Among those who used marijuana, nearly a quarter followed the reverse
of the gateway pattern. They tended to have less parental supervision
and to live in neighborhoods with poor physical environments where
illegal drugs were more available.

In general, the marijuana-users were more behaviorally deviant, less
involved with school and had friends their parents didn't like, the
researchers found.

"That all makes sense to me," said the Gateway Rehab Center patient.
"If I had stayed with the crowd I grew up with, I don't think I'd have
had this problem. I started to hang with the wrong crowd."

Some of his friends have used harder drugs, such as cocaine, while
others used marijuana now and then, but never progressed further into
addiction, he said.

It was easier to obtain marijuana than alcohol or cigarettes as a
teenager, he added.

"You always had to show a form of ID to get those," he said. "But I
could always go to the person who was selling the weed to get it, and
they wouldn't ask for ID. It was never hard to get for me."

Gateway's medical director, Dr. Neil Capretto, said a few patients
have told him that the first drug they used was heroin, which is "very
available now in many neighborhoods, whether it be inner-city
Pittsburgh or upper-middle-class suburbs."

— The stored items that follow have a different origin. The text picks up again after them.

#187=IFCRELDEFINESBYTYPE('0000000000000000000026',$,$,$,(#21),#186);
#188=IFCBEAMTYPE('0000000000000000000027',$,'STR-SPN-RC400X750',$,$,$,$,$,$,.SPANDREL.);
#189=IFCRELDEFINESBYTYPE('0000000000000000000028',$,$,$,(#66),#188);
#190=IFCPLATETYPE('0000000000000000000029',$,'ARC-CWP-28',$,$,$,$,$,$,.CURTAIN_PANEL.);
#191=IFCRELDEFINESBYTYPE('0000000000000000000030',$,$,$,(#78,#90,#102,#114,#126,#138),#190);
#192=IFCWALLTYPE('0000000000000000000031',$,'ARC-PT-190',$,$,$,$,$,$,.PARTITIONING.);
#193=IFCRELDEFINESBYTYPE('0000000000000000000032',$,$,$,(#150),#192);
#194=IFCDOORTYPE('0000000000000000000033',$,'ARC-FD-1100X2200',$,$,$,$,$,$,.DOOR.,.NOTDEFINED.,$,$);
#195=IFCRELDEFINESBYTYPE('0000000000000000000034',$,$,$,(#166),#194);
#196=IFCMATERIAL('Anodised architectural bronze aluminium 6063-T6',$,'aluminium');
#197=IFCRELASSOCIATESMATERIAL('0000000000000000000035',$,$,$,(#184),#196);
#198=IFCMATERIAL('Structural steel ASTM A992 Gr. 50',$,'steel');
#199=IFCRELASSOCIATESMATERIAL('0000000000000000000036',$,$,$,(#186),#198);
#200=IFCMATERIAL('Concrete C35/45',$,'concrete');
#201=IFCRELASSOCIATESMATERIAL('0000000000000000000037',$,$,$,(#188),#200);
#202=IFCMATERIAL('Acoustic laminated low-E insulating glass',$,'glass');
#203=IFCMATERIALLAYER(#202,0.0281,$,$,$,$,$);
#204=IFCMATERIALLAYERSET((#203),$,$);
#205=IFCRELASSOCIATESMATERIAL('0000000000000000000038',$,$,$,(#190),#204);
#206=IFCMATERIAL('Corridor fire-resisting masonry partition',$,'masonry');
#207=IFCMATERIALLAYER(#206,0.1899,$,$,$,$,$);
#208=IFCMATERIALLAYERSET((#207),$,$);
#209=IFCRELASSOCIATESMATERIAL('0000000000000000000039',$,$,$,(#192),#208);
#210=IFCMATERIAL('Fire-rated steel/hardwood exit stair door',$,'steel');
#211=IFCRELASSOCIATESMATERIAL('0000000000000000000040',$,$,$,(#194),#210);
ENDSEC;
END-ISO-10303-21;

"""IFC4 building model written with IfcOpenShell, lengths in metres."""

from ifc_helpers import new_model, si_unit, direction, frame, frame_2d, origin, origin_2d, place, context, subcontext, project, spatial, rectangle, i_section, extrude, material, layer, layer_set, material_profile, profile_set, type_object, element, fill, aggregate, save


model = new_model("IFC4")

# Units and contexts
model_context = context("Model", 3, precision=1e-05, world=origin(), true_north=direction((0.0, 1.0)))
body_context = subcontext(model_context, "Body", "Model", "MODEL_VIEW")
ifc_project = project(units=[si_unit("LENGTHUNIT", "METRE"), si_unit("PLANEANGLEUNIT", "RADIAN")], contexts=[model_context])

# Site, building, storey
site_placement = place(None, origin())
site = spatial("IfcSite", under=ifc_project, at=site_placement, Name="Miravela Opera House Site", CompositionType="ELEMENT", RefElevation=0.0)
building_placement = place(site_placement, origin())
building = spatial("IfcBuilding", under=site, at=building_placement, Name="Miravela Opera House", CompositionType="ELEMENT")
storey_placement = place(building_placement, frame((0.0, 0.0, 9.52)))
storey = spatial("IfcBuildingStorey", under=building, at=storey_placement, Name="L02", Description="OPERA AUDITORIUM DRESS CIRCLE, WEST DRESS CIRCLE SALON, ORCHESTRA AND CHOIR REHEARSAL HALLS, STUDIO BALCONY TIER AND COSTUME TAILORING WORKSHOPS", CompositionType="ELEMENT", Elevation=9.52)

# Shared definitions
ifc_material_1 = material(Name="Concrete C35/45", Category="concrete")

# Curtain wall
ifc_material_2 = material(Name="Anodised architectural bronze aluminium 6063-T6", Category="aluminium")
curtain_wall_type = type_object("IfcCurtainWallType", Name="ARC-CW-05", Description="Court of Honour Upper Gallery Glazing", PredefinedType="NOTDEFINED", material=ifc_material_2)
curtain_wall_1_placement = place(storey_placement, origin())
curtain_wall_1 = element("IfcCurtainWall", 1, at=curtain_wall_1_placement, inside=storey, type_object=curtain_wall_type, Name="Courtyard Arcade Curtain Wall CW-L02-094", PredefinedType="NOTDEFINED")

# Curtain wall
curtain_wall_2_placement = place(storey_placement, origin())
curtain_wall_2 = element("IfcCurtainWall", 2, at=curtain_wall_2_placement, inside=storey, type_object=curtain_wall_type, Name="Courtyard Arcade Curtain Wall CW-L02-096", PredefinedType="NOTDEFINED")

He praised the Pitt study, saying "it really shows the complex nature
of addiction. What they're showing here is what we've been seeing in
practice for years."

Most people who experiment with marijuana do not go on to use harder
drugs, Dr. Capretto said.

Still, "the vast majority of people who we see who do cocaine or
heroin have done marijuana in the past, or are likely to do it at some
time in the future," he noted. But "if we could push a button and all
the marijuana would go away, by no means will that stop the drug
problem in this country."

Dr. Capretto described the mother of a patient who was relieved that,
unlike her other son who was addicted to heroin, her younger boy's
dropping grades and mood changes were due to marijuana use.

"I said, 'That's not necessarily good news,' " he recounted.
"Something's still wrong. Whether it be a young person on alcohol,
tobacco or marijuana, [even] if that's all they ever do, that's a
problem right there."

According to Dr. Tarter, drug use prevention messages should minimize
"slippery slope" scare tactics and emphasize healthy living.
Interventions to foster values and attitudes that resist illegal
behaviors and to strengthen parenting skills could be helpful.

It's possible to identify children who are at high risk for drug use
years before they begin experimenting, Dr. Tarter said.

"Nothing is carved in stone, especially at this age," he said. "But
the longer you wait, the harder it is to change."